Doyle had a hand in all these shipments. But he found himself more interested in the import trade. The stout cogs with their single masts and deep bellies brought in all kinds of goods: iron from Spain, salt from France, pottery from Bristol, fine text
iles from Flanders. Italian merchants would arrive with loads of oriental spices for the great summer fairs outside the western gate. But the trade that he liked the best was the shipping of wine from southwest France. Hogsheads of ruby red wine from Bordeaux: he loved the look, the texture, the scent of the great sixty-three gallon barrels as they were lowered off the ships; though the shipments were so huge that they were usually reckoned by the tun—two hundred and fifty-two gallons each. It was the wine trade that had made Doyle, with all his ships, such a rich man.

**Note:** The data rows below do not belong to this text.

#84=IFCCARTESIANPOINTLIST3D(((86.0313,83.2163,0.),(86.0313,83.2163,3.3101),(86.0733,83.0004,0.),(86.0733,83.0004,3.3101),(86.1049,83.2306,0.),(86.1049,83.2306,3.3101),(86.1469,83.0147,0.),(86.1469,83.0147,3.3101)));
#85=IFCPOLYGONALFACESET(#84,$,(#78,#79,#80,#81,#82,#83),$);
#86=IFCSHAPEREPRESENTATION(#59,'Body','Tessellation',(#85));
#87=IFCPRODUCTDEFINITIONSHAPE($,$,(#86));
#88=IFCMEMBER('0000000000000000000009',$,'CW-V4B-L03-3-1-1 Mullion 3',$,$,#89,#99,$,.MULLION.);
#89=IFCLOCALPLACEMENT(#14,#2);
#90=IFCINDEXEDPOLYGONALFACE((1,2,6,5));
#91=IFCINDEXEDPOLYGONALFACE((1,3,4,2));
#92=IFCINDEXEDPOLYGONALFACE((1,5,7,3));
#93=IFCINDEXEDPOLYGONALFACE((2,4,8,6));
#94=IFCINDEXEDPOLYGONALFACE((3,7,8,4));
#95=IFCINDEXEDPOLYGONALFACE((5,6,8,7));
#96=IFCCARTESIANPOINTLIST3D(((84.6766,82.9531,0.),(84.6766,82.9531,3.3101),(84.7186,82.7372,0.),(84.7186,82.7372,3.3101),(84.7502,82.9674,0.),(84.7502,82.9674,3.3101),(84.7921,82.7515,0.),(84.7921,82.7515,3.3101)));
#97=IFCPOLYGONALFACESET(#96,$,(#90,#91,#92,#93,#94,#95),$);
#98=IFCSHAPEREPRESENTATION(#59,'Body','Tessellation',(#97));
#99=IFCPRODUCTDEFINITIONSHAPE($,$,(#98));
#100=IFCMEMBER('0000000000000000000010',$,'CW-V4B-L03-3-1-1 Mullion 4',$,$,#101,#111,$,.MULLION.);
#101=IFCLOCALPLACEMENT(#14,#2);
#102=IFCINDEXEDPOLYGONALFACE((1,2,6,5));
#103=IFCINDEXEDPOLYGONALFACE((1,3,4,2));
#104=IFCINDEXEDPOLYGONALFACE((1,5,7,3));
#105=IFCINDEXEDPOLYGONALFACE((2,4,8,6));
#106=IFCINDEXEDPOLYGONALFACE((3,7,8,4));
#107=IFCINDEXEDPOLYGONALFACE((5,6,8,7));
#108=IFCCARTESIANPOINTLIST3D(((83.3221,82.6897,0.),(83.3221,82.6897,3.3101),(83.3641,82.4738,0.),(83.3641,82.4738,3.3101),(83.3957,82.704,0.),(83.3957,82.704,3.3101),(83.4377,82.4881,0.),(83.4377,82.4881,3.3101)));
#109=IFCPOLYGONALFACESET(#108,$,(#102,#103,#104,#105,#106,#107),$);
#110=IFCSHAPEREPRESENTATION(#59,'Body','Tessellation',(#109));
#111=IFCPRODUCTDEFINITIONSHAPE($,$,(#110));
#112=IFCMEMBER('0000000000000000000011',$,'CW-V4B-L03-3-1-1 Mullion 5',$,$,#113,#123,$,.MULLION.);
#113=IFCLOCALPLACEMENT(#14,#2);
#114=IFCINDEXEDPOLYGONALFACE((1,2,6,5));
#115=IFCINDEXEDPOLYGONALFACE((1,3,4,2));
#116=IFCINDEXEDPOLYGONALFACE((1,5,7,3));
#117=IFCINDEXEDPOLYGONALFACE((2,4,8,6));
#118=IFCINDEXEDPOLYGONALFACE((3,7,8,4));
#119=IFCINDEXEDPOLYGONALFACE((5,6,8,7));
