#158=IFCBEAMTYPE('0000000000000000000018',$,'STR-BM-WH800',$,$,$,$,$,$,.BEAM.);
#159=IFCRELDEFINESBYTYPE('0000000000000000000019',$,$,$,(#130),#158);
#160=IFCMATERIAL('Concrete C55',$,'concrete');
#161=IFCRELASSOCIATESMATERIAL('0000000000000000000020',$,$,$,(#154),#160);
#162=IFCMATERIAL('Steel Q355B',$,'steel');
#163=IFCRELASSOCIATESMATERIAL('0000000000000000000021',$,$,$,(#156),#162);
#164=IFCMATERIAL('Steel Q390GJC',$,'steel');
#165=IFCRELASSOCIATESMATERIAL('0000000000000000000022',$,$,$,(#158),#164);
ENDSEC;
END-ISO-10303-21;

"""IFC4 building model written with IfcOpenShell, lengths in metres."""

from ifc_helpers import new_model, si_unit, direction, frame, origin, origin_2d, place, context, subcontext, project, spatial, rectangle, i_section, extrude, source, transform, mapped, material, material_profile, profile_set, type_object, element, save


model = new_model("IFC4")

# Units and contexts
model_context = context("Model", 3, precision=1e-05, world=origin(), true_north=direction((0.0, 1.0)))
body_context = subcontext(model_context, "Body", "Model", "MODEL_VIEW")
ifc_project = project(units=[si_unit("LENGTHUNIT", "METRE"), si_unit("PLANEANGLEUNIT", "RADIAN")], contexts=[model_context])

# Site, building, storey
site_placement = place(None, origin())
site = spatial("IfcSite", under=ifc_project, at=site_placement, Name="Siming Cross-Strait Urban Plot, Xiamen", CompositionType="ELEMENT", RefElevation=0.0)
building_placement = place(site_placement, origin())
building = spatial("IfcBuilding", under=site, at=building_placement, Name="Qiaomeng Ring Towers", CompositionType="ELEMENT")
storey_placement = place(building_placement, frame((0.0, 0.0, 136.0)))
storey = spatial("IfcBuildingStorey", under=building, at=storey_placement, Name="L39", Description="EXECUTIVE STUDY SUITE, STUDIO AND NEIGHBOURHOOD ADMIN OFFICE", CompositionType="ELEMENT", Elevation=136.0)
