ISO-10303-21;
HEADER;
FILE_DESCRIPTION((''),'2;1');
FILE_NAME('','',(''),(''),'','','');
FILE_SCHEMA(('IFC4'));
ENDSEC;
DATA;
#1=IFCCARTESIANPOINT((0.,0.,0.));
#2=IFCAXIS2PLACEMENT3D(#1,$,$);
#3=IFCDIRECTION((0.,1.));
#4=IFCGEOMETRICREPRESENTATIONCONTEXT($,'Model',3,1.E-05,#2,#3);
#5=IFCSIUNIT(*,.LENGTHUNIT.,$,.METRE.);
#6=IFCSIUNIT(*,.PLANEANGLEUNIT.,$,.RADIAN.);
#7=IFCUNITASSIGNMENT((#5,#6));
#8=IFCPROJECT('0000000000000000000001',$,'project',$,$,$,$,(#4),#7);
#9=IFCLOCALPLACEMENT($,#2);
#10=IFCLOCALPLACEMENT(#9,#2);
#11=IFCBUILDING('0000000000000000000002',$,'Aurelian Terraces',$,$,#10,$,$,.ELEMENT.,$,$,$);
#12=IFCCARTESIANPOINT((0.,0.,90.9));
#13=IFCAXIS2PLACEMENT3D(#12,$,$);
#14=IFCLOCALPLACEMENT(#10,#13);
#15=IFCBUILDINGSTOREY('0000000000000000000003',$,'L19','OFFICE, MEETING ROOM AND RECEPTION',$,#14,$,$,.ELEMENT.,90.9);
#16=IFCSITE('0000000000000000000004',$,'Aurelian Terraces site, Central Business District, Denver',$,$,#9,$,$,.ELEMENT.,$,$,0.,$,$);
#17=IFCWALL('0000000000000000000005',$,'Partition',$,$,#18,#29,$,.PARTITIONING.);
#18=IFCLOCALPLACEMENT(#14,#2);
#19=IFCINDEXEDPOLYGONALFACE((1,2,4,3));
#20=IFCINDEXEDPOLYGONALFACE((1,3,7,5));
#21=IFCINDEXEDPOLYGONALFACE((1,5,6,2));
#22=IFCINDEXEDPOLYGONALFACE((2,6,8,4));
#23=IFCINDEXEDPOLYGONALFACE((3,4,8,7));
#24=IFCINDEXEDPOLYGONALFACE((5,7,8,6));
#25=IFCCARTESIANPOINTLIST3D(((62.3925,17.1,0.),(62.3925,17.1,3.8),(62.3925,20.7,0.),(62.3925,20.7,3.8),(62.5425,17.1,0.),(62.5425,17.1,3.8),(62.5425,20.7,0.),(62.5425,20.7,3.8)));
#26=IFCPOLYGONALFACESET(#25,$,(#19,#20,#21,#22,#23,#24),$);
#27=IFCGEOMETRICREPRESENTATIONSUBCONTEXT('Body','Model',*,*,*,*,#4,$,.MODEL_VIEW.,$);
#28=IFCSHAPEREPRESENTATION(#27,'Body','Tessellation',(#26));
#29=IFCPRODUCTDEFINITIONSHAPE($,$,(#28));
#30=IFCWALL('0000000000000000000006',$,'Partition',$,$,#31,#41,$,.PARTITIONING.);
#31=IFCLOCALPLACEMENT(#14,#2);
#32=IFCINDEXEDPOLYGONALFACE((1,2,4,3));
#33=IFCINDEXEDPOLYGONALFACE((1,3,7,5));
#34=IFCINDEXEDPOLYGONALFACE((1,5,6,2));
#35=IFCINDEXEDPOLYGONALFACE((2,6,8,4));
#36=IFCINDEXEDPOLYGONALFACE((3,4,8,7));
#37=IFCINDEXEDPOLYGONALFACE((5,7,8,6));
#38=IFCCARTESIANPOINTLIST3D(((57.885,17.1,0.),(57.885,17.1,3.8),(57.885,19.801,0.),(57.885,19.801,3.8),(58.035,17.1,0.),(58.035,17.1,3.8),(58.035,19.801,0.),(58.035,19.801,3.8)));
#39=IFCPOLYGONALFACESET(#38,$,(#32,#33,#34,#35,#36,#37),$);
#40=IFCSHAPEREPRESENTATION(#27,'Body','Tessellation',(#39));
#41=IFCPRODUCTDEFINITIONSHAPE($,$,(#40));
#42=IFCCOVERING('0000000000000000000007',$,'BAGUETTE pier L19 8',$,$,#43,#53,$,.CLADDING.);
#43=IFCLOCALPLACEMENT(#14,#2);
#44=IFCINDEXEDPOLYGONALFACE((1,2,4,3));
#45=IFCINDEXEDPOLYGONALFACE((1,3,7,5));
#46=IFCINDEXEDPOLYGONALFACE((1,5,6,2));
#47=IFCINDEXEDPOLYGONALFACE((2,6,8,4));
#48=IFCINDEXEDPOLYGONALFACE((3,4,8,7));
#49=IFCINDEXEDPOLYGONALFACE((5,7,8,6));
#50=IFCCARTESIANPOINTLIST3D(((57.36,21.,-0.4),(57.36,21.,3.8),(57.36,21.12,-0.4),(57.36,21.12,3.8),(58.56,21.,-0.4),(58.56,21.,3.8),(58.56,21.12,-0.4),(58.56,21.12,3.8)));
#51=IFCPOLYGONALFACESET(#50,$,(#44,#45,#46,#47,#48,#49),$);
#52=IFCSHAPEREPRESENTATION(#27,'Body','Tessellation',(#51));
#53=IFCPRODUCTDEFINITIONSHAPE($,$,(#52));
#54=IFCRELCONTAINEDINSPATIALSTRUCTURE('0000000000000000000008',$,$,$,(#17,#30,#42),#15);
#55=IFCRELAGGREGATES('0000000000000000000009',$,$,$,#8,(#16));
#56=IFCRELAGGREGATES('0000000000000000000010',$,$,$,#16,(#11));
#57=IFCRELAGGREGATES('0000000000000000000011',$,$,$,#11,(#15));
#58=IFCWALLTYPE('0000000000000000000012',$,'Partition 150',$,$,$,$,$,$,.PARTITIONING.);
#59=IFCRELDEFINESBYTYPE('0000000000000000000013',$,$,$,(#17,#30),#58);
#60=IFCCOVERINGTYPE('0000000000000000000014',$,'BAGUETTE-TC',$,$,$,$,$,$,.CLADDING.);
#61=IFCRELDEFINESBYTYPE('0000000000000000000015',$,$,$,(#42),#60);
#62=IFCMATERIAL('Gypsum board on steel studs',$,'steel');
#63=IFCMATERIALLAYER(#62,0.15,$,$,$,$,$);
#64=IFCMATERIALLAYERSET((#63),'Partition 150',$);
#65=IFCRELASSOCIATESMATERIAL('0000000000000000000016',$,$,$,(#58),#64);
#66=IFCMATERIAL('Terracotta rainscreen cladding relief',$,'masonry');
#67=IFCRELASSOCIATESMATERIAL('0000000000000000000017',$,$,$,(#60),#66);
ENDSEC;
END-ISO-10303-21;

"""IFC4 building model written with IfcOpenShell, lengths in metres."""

from ifc_helpers import new_model, si_unit, direction, frame, frame_2d, origin, origin_2d, place, context, subcontext, project, spatial, rectangle, extrude, source, transform, mapped, material, layer, layer_set, type_object, element, save


model = new_model("IFC4")

# Units and contexts
model_context = context("Model", 3, precision=1e-05, world=origin(), true_north=direction((0.0, 1.0)))
body_context = subcontext(model_context, "Body", "Model", "MODEL_VIEW")
ifc_project = project(units=[si_unit("LENGTHUNIT", "METRE"), si_unit("PLANEANGLEUNIT", "RADIAN")], contexts=[model_context])

# Site, building, storey
site_placement = place(None, origin())
site = spatial("IfcSite", under=ifc_project, at=site_placement, Name="Aurelian Terraces site, Central Business District, Denver", CompositionType="ELEMENT", RefElevation=0.0)
building_placement = place(site_placement, origin())
building = spatial("IfcBuilding", under=site, at=building_placement, Name="Aurelian Terraces", CompositionType="ELEMENT")
storey_placement = place(building_placement, frame((0.0, 0.0, 90.9)))
storey = spatial("IfcBuildingStorey", under=building, at=storey_placement, Name="L19", Description="OFFICE, MEETING ROOM AND RECEPTION", CompositionType="ELEMENT", Elevation=90.9)

# Walls
ifc_material_1 = material(Name="Gypsum board on steel studs", Category="steel")
ifc_layer_1 = layer(ifc_material_1, 0.15)
ifc_layer_set_1 = layer_set([ifc_layer_1], Name="Partition 150")
wall_type_1 = type_object("IfcWallType", Name="Partition 150", PredefinedType="PARTITIONING", material=ifc_layer_set_1)
shared_shape_1 = source(origin(), body_context, "Body", "SweptSolid", [
    extrude(rectangle(XDim=3.6, YDim=0.15, at=frame_2d((1.8, 0.0))), origin(), (0.0, 0.0, 1.0), 3.8),
])
wall_1_placement = place(storey_placement, frame((62.4675, 20.7, 0.0), z_axis=(0.0, 0.0, 1.0), x_axis=(0.0, -1.0, 0.0)))
element("IfcWall", 1, at=wall_1_placement, inside=storey, type_object=wall_type_1, Name="Partition", PredefinedType="PARTITIONING", context=body_context, shape_type="MappedRepresentation", body=[
    mapped(shared_shape_1, transform((0.0, 0.0, 0.0), scale=1.0)),
])
shared_shape_2 = source(origin(), body_context, "Body", "SweptSolid", [
    extrude(rectangle(XDim=2.701, YDim=0.15, at=frame_2d((1.3505, 0.0))), origin(), (0.0, 0.0, 1.0), 3.8),
])
wall_2_placement = place(storey_placement, frame((57.96, 17.1, 0.0), z_axis=(0.0, 0.0, 1.0), x_axis=(0.0, 1.0, 0.0)))
element("IfcWall", 2, at=wall_2_placement, inside=storey, type_object=wall_type_1, Name="Partition", PredefinedType="PARTITIONING", context=body_context, shape_type="MappedRepresentation", body=[
    mapped(shared_shape_2, transform((0.0, 0.0, 0.0), scale=1.0)),
])

# Covering
ifc_material_2 = material(Name="Terracotta rainscreen cladding relief", Category="masonry")
covering_type = type_object("IfcCoveringType", Name="BAGUETTE-TC", PredefinedType="CLADDING", material=ifc_material_2)
shared_shape_3 = source(origin(), body_context, "Body", "SweptSolid", [
    extrude(rectangle(XDim=1.2, YDim=0.12, at=origin_2d()), origin(), (0.0, 0.0, 1.0), 4.2),
])
covering_placement = place(storey_placement, frame((57.96, 21.06, -0.4), z_axis=(0.0, 0.0, 1.0), x_axis=(1.0, 0.0, 0.0)))
element("IfcCovering", 3, at=covering_placement, inside=storey, type_object=covering_type, Name="BAGUETTE pier L19 8", PredefinedType="CLADDING", context=body_context, shape_type="MappedRepresentation", body=[
    mapped(shared_shape_3, transform((0.0, 0.0, 0.0), scale=1.0)),
])

save(model, "model.ifc")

The Justiciar had summoned Doyle to the castle the day before, soon after Harold had been there. Indeed, the king’s representative had called for the merchant even before he had informed the city’s mayor. Like most of the larger cities in England, Dublin had a council of forty-eight who governed its roughly seven thousand inhabitants. The inner council, from which the mayor was chosen each year, consisted of only twenty-four of the city’s most powerful men, and Doyle was one of these. It was because he was so impressed with Doyle that the Justiciar had let him collect the valuable prise on the imports through Dalkey and he knew that the merchant was extremely well-informed. “Doyle has eyes and ears everywhere,” the Justiciar would say. “He is powerful, but he is also subtle. If he wishes something to happen, he will make it happen.” The Justiciar had given him a full and private account of the news that Robert Harold had just brought, and Doyle had listened attentively.
“So if this information is correct,” the Justiciar had summarised, “they will strike at Carrickmines in a few days’ time. The question is, what should we do?”